# Finishing outside curved wall



## bazooka270 (Apr 17, 2013)

Hey there, I am finishing an outside curved wall ( drywall ) on a jobsite at the moment and the curved wall is not a true round. I've been using a piece of tin to run from floor to ceiling on the flat spots but is not the best tool for this ( to flexible ). I've been using a trowel for 25 + years now and can trowel compound on sideways, lightly floating over the flat spots and low spots to get a better curve but its taking a tremendous amount of time. Does anybody know of a tool that is flexible and strong enough to do a feathering motion from floor to ceiling for future projects.

Similar to pic shown, also about the same radius.


----------



## chris (Apr 13, 2011)

Are you standing your board up? I wouldnt do that ( floor to ceiling tool?) Laying board down will eliminate that problem. Ive used a scrap piece of rock as a float tool on outside rounds. Load it up, find your curve and run it. Im sure there is a tool out there but Ive never used or seen


----------



## DrywallerDustin (Mar 1, 2013)

I've used a tool called a curve coater before to finish out FRG columns and they worked great, It was basically a piece of flexible plastic with a handle at each end that you could bend to conform to your curve.


----------



## 2buckcanuck (Jul 9, 2010)

bazooka270 said:


> Hey there, I am finishing an outside curved wall ( drywall ) on a jobsite at the moment and the curved wall is not a true round.
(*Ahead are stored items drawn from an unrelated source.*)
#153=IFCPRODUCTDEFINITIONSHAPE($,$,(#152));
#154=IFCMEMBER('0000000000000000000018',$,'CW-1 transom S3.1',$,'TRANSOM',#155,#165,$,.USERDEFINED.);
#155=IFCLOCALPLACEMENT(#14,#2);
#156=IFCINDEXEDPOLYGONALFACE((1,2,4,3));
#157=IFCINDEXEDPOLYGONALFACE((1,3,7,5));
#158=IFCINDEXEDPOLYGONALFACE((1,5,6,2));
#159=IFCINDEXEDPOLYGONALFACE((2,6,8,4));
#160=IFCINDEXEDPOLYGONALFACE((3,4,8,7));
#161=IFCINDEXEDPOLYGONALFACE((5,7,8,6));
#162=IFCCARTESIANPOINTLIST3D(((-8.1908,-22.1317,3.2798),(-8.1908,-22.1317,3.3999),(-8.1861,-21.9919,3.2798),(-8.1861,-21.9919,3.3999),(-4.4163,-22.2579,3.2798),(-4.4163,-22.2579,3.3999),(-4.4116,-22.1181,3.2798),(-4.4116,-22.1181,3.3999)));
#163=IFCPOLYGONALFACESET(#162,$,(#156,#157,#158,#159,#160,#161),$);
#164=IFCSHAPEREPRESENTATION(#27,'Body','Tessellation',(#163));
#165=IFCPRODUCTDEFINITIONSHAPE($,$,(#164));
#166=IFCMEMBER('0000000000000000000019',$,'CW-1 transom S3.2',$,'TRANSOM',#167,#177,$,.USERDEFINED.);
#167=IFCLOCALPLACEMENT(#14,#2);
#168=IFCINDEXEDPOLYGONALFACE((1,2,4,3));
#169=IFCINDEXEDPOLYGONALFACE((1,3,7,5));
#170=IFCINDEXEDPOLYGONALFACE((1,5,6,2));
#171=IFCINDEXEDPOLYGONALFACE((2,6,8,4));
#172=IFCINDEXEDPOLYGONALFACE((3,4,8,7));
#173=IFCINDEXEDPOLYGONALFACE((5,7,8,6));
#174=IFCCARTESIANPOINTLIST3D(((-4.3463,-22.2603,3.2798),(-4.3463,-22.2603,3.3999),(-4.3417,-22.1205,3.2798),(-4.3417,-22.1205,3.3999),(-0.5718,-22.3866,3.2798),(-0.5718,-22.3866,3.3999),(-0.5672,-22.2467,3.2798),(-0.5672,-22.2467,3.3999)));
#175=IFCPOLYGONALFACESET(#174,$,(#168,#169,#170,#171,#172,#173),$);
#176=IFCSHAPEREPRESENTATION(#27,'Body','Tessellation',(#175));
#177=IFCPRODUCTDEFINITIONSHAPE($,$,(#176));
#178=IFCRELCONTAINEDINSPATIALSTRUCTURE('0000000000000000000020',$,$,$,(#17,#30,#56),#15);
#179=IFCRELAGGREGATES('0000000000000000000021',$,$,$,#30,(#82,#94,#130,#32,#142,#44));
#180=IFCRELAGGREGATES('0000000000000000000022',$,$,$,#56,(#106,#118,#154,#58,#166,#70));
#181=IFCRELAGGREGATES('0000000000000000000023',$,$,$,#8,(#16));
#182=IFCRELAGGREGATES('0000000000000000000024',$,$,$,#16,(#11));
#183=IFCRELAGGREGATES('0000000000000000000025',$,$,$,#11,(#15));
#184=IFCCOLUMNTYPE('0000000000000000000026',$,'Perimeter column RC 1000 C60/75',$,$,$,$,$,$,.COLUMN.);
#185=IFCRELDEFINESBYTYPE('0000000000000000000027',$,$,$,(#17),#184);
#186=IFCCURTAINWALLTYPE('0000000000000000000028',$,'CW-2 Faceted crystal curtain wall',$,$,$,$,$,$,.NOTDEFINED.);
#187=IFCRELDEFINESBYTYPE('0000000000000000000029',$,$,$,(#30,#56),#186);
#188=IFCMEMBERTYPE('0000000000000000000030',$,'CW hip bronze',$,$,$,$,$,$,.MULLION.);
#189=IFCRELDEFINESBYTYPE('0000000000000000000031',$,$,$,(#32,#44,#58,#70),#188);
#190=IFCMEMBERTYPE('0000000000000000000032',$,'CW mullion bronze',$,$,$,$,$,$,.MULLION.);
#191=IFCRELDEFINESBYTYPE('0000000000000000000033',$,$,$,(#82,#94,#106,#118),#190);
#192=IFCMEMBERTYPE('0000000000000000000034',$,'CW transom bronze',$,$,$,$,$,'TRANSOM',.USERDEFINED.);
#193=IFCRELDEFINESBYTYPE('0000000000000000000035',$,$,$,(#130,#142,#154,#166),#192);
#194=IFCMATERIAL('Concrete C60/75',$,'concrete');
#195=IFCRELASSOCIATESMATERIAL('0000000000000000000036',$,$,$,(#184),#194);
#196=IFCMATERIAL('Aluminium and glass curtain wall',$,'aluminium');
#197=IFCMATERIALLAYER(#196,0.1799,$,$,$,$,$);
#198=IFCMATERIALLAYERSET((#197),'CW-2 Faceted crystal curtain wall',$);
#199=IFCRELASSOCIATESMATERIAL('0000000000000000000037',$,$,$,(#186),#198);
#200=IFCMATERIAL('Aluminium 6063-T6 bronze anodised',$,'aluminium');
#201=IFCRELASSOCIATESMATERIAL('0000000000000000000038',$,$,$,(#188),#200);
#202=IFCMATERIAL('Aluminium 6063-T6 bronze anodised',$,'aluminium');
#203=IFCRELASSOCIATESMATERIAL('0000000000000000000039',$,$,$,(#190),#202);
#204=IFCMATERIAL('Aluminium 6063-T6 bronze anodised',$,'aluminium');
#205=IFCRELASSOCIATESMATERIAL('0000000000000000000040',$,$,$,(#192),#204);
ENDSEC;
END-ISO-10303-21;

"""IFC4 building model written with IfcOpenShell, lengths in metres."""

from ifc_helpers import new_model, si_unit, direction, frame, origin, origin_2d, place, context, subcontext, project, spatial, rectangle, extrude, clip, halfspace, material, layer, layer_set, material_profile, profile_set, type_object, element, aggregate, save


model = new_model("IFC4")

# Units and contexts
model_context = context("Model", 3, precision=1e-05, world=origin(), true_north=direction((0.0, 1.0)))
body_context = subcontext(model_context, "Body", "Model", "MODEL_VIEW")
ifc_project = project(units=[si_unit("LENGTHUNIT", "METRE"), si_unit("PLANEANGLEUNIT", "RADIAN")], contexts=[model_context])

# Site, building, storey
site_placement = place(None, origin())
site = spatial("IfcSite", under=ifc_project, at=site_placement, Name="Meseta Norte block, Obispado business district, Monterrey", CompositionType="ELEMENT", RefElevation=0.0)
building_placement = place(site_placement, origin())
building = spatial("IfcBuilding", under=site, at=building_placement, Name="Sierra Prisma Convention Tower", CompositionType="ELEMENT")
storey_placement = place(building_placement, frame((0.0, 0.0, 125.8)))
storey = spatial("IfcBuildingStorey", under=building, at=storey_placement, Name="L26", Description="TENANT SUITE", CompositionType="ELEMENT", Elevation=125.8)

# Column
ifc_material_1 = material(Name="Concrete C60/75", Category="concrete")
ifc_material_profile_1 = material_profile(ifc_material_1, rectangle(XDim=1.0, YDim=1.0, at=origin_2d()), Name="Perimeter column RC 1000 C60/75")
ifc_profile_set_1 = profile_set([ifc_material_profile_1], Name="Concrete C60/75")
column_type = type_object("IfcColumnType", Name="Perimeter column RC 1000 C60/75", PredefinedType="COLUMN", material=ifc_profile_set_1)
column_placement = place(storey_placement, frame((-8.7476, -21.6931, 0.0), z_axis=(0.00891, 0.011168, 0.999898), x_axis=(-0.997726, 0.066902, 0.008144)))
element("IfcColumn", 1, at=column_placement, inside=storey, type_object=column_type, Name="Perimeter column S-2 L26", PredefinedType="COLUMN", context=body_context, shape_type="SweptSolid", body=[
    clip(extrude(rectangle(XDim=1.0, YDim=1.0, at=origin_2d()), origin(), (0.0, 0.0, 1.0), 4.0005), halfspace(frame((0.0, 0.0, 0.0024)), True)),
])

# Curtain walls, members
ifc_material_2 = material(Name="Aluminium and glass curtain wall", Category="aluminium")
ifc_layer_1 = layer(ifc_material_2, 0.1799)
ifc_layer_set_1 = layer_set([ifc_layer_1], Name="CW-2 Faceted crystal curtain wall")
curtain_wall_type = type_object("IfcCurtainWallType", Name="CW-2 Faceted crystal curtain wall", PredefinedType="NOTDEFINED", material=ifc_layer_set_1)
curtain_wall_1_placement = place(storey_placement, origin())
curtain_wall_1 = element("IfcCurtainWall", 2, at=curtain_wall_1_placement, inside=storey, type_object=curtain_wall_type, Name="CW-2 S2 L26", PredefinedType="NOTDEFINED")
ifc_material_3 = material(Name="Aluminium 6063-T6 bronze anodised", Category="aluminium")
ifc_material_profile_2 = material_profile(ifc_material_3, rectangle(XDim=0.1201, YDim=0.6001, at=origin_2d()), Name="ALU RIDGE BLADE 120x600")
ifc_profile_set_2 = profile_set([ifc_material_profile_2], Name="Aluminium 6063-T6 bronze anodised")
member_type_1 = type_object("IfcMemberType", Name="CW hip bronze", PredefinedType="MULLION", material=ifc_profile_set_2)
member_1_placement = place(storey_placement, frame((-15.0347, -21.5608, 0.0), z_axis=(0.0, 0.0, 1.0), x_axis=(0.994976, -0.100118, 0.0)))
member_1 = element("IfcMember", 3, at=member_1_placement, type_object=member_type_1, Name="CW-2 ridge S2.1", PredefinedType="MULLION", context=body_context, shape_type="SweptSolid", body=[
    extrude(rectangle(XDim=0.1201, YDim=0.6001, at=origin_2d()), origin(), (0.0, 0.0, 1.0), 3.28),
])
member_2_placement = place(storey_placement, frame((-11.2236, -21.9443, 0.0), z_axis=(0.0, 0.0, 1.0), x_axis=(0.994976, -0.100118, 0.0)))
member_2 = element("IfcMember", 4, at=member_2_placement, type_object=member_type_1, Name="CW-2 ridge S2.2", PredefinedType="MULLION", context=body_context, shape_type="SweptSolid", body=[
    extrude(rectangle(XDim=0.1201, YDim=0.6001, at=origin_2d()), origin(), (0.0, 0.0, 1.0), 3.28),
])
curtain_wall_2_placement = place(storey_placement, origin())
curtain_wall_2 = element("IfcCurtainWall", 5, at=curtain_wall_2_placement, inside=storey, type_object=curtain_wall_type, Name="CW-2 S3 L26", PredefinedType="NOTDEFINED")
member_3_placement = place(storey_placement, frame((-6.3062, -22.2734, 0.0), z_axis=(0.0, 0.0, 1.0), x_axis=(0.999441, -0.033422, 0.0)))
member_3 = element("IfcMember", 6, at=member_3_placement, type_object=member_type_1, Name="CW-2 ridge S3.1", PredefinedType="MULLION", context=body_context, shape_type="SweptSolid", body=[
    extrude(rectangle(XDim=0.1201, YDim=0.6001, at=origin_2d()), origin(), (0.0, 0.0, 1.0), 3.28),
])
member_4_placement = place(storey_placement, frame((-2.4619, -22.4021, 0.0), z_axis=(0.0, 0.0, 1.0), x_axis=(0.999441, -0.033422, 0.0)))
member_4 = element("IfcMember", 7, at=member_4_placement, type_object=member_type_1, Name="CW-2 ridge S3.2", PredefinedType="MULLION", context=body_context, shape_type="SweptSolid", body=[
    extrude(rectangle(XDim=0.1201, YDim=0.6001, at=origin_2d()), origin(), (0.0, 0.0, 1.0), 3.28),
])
I've been using a piece of tin to run from floor to ceiling on the flat spots but is not the best tool for this ( to flexible ). I've been using a trowel for 25 + years now and can trowel compound on sideways, lightly floating over the flat spots and low spots to get a better curve but its taking a tremendous amount of time. Does anybody know of a tool that is flexible and strong enough to do a feathering motion from floor to ceiling for future projects.
> 
> Similar to pic shown, also about the same radius.


Sucks to say, since I too use a trowel:thumbsup:, but maybe buy a large straight knife (12") and bend it to your liking.
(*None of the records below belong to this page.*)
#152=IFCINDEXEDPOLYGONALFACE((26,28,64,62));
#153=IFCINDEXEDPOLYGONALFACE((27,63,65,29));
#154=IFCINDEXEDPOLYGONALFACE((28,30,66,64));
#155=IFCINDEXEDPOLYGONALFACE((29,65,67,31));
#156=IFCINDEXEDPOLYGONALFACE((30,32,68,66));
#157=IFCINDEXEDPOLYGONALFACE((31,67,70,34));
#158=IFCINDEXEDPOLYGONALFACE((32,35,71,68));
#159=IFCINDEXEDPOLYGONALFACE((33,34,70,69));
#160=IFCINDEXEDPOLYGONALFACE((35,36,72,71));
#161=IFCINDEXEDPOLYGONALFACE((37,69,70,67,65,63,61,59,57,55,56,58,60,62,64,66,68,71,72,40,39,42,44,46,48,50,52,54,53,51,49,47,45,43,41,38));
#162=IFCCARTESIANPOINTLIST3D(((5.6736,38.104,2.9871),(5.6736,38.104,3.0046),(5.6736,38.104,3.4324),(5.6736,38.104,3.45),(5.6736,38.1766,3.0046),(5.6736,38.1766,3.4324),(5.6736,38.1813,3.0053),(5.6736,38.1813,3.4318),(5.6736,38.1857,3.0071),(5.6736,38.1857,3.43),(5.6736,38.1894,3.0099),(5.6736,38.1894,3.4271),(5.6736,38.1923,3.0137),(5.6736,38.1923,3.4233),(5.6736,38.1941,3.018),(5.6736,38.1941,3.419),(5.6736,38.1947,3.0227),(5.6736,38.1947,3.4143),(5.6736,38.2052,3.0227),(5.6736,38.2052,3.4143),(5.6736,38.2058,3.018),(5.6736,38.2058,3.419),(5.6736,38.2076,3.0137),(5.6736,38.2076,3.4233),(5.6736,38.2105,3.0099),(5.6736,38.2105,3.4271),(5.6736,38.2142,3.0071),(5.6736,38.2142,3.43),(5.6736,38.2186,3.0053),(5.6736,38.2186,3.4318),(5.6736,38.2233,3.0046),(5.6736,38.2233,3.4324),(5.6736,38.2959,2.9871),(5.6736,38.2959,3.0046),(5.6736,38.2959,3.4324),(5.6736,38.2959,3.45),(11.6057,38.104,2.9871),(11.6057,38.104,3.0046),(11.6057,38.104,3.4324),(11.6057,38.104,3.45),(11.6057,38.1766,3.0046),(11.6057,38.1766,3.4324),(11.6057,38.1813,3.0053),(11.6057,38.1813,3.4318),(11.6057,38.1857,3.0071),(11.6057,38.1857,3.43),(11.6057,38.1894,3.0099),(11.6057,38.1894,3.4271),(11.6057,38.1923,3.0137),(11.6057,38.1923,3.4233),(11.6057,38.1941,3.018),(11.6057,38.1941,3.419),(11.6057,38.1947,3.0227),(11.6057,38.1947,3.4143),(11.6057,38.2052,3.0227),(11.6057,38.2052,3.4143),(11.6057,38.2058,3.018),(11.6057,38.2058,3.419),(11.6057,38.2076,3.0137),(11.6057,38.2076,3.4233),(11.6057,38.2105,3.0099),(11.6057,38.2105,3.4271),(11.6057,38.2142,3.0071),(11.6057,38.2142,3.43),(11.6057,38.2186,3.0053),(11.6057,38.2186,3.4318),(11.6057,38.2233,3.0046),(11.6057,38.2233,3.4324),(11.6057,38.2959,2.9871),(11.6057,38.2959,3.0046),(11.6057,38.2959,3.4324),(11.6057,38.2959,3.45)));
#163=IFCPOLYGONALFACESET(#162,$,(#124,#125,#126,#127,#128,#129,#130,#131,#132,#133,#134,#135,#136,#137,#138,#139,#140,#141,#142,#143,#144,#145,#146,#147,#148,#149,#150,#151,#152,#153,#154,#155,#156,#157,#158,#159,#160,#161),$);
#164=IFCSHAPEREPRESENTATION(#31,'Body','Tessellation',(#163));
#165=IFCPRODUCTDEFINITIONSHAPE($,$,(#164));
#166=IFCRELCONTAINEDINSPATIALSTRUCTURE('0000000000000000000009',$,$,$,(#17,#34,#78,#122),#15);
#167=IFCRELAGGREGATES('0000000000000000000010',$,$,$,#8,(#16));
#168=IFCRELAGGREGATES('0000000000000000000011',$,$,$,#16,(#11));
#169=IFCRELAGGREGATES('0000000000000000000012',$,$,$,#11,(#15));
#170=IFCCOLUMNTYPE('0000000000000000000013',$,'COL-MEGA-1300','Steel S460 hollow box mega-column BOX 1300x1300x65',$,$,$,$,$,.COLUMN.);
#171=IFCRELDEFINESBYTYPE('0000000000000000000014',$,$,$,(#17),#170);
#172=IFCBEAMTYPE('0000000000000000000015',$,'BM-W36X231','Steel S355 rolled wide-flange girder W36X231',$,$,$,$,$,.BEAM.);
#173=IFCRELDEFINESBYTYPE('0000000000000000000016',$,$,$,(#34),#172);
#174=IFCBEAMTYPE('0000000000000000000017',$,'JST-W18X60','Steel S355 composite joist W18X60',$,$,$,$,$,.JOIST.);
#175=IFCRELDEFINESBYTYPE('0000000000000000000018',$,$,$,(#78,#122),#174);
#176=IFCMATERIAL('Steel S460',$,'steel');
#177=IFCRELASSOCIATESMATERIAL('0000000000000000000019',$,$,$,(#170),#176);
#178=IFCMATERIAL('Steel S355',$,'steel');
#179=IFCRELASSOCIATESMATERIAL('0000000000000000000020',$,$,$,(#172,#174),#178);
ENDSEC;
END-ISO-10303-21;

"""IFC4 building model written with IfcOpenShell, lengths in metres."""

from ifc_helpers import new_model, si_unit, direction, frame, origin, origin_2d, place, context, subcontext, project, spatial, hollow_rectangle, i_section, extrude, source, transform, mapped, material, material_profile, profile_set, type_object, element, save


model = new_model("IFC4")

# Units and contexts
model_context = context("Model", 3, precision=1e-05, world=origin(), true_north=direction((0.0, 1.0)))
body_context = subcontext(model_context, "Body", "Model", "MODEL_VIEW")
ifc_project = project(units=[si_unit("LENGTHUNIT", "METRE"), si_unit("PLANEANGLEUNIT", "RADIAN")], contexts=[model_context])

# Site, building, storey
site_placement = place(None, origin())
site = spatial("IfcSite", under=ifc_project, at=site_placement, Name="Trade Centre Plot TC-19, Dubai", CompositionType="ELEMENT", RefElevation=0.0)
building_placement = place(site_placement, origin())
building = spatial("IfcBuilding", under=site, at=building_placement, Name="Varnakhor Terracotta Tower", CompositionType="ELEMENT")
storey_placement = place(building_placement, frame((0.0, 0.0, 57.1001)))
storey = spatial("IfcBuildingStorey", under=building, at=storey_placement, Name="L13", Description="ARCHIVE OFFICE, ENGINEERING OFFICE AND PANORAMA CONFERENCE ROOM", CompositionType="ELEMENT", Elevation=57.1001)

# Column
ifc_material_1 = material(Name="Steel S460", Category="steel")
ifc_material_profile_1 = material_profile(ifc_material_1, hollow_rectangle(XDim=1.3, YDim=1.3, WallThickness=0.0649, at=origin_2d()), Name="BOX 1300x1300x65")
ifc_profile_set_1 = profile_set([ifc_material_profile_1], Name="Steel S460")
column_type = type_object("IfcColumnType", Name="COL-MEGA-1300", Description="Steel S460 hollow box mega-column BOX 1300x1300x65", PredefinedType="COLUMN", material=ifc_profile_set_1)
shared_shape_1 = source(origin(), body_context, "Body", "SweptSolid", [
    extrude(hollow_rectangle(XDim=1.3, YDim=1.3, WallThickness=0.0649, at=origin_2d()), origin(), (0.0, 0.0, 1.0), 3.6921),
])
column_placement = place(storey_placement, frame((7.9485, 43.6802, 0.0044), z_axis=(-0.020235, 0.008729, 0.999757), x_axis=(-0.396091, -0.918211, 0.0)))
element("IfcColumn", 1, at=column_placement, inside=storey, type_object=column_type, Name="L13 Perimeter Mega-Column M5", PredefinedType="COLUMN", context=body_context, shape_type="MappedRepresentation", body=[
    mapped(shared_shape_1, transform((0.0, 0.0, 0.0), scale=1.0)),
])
There is a plastic tool out there to do it, but if you seen it, you would think I could cut a plastic bucket down, and make the same thing:blink:


----------



## Mudslinger (Mar 16, 2008)

The plastic one works good, but I haven't seen one for sale in a long time. Take a taping knife and bend it to the curve of the wall. 10" works better then a 12" for me personally.:thumbsup:


----------



## D's (Jan 15, 2009)

I bought a 4' length of metal door threshold at the hardware store. It has a nice even flex that comes in handy for those types of curves. Most store should have a wide selection of profiles - just pick one that feels good.


----------



## lnidrywall (Jan 18, 2010)

When we do columns or a tight radius and we get an occasional flat spot, I always use a piece of plexiglass. I load the flat area with some compound and pull it up or down; it works well.


----------



## bazooka270 (Apr 17, 2013)

DrywallerDustin said:


> I've used a tool called a curve coater before to finish out FRG columns and they worked great, It was basically a piece of flexible plastic with a handle at each end that you could bend to conform to your curve.


 
Any idea where to purchase?


----------



## bazooka270 (Apr 17, 2013)

excellent....never thought of plexiglass...thank you Inidrywall.


----------



## bazooka270 (Apr 17, 2013)

Using a knife is hard on the hands and fingers? Have to bend this tool by hand..


----------



## bazooka270 (Apr 17, 2013)

thank you for the good answers so far


----------



## bazooka270 (Apr 17, 2013)

Quote from DrywallerDustin "I've used a tool called a curve coater before to finish out FRG columns and they worked great, It was basically a piece of flexible plastic with a handle at each end that you could bend to conform to your curve."
 excellent....thank you DrywallerDustin


----------